8 Responses to “Funnies Will Tear Us Apart, Again”

  1. A cross between Agnes and Brenda Starr
    July 27th, 2004 @ 10:26 am

    I’m with you on this comics business, of course, Rog, except that I haven’t seen Prickly City, didn’t even click on the link you offered, and will not check our local rag (which goes unread by me) to see if we’ve picked it up (likely). However, I seem to recall The Boondocks got right into it, if maybe in a more sociopolitical than outright political fashion. Didn’t take McGruder long to get to his point, regardless.

  2. InfK
    July 27th, 2004 @ 12:34 pm

    You read the funnies?

    It’s one thing to collect comic books, but… the funnies haven’t been funny in ages.

    Come to think of it – you read the paper?

  3. Flasshe
    July 27th, 2004 @ 7:19 pm

    Yes Ben, I read the funnies. I know that to you and your comedy connoisseur buddies they are the Boone’s Farm in the wine cellar of humor, but how can anyone not love (for example) Pearls Before Swine?

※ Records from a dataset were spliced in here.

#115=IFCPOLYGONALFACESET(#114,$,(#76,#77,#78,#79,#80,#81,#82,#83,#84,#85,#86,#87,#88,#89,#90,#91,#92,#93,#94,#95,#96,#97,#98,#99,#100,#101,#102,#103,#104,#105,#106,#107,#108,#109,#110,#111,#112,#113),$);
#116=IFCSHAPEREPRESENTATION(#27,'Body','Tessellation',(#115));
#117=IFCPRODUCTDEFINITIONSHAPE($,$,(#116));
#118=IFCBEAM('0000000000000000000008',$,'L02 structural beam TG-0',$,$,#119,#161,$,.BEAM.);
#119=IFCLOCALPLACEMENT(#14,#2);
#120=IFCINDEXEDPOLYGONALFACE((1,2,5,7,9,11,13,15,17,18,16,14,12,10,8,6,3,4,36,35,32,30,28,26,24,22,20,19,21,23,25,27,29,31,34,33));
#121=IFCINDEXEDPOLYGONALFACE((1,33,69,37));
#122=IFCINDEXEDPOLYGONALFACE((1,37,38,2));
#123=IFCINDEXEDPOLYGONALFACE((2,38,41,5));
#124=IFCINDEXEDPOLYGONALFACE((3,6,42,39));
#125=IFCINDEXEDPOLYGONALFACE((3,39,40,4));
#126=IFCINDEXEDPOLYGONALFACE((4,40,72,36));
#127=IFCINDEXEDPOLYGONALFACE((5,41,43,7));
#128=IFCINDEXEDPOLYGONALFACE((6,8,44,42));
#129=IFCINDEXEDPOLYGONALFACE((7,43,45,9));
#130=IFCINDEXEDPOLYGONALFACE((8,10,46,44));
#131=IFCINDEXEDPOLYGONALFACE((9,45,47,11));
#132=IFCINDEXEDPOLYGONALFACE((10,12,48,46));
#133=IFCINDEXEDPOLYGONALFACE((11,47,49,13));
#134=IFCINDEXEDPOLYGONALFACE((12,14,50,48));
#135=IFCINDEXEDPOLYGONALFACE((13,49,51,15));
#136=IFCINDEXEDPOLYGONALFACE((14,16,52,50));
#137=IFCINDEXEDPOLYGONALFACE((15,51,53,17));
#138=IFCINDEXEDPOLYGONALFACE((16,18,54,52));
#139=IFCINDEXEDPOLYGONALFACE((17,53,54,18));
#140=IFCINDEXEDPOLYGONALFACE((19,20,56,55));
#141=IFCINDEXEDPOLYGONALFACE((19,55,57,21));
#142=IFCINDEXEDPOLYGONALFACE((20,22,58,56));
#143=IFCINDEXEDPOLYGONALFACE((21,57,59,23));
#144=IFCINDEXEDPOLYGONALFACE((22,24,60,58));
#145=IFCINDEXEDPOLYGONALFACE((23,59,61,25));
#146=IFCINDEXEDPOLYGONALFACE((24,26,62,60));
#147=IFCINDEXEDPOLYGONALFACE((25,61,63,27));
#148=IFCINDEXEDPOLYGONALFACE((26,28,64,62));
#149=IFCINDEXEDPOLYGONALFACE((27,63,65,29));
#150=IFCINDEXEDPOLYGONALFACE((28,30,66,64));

    And yes I do read the paper – I keep hoping Dear Abby will answer my letters. Plus, how else would I know who J.Lo is marrying this week and if Britney is really pregnant or not?

  4. 2fs
    July 27th, 2004 @ 9:16 pm

    I read the "Prickly City" archive (hey – its initials are "PC" – now the guy’s probably gonna wanna change it) and…I wasn’t tempted to laugh even once. See, if you’re going to make jokes about (say) Michael Moore, why not use the strip to set up something funny about him…instead of relying, evidently, on the assumption that your audience will "know" Moore is an irrational buffoon? (And I’m waiting for conservatives to point out actual irrationality – as opposed to inconvenient facts they disagree with…) And the gay marriage strips…yeesh, those were awful. Are these folks utterly ignorant that what we think of as marriage (two people in lurv) is a recent phenomenon – not the "bedrock of society" for thousands of years? Arranged marriages, protopolitical alliances: that’s the history of marriage (and the bedrock of society, I guess). Okay, I’ll shut up now. (Oh – and another terrifyingly unfunny conservative strip? "Mallard Fillmore")

  5. Miles
    July 29th, 2004 @ 9:32 am

    Can Edith Prickley sue?

  6. Tim Walters
    July 29th, 2004 @ 11:06 am

    At least the guy who does Mallard Fillmore can draw. PC just looks like James Dobson threw up on the page.

    Most of the political strips, left and right, seem to be under the impression that saying something sarcastically automatically makes it funny. Doonesbury is the exception; it’s quite uneven, but it’s genuine satire.

  7. Biggus von Bilgeblower
    August 2nd, 2004 @ 1:14 pm

    Thing is, funny conservatives are too darn busy doing whatever conservatives do to be involved in something as ephemeral as writing funnies.

    That’s also why liberal books outsell conservative books about a zillion to one – conservatives don’t have time to read.

    Come to that, I suppose that’s also why colleges are dominated by liberal professors: "Those who can, do. Those who can’t, teach."

    So, if liberals spent more time actually DOING stuff instead of talking or whining about stuff, we’d see more balance in these areas.

  8. Flasshe
    August 2nd, 2004 @ 8:35 pm

    I thought it was the liberals who never had time for anything ephemeral, since they’re spending all their time raising taxes and writing/passing laws to make government bigger? Oh wait, I temporarily forgot that’s it the Republicans who are trying to intrude into every area of our lives lately and who are spending money like mad. You’re right.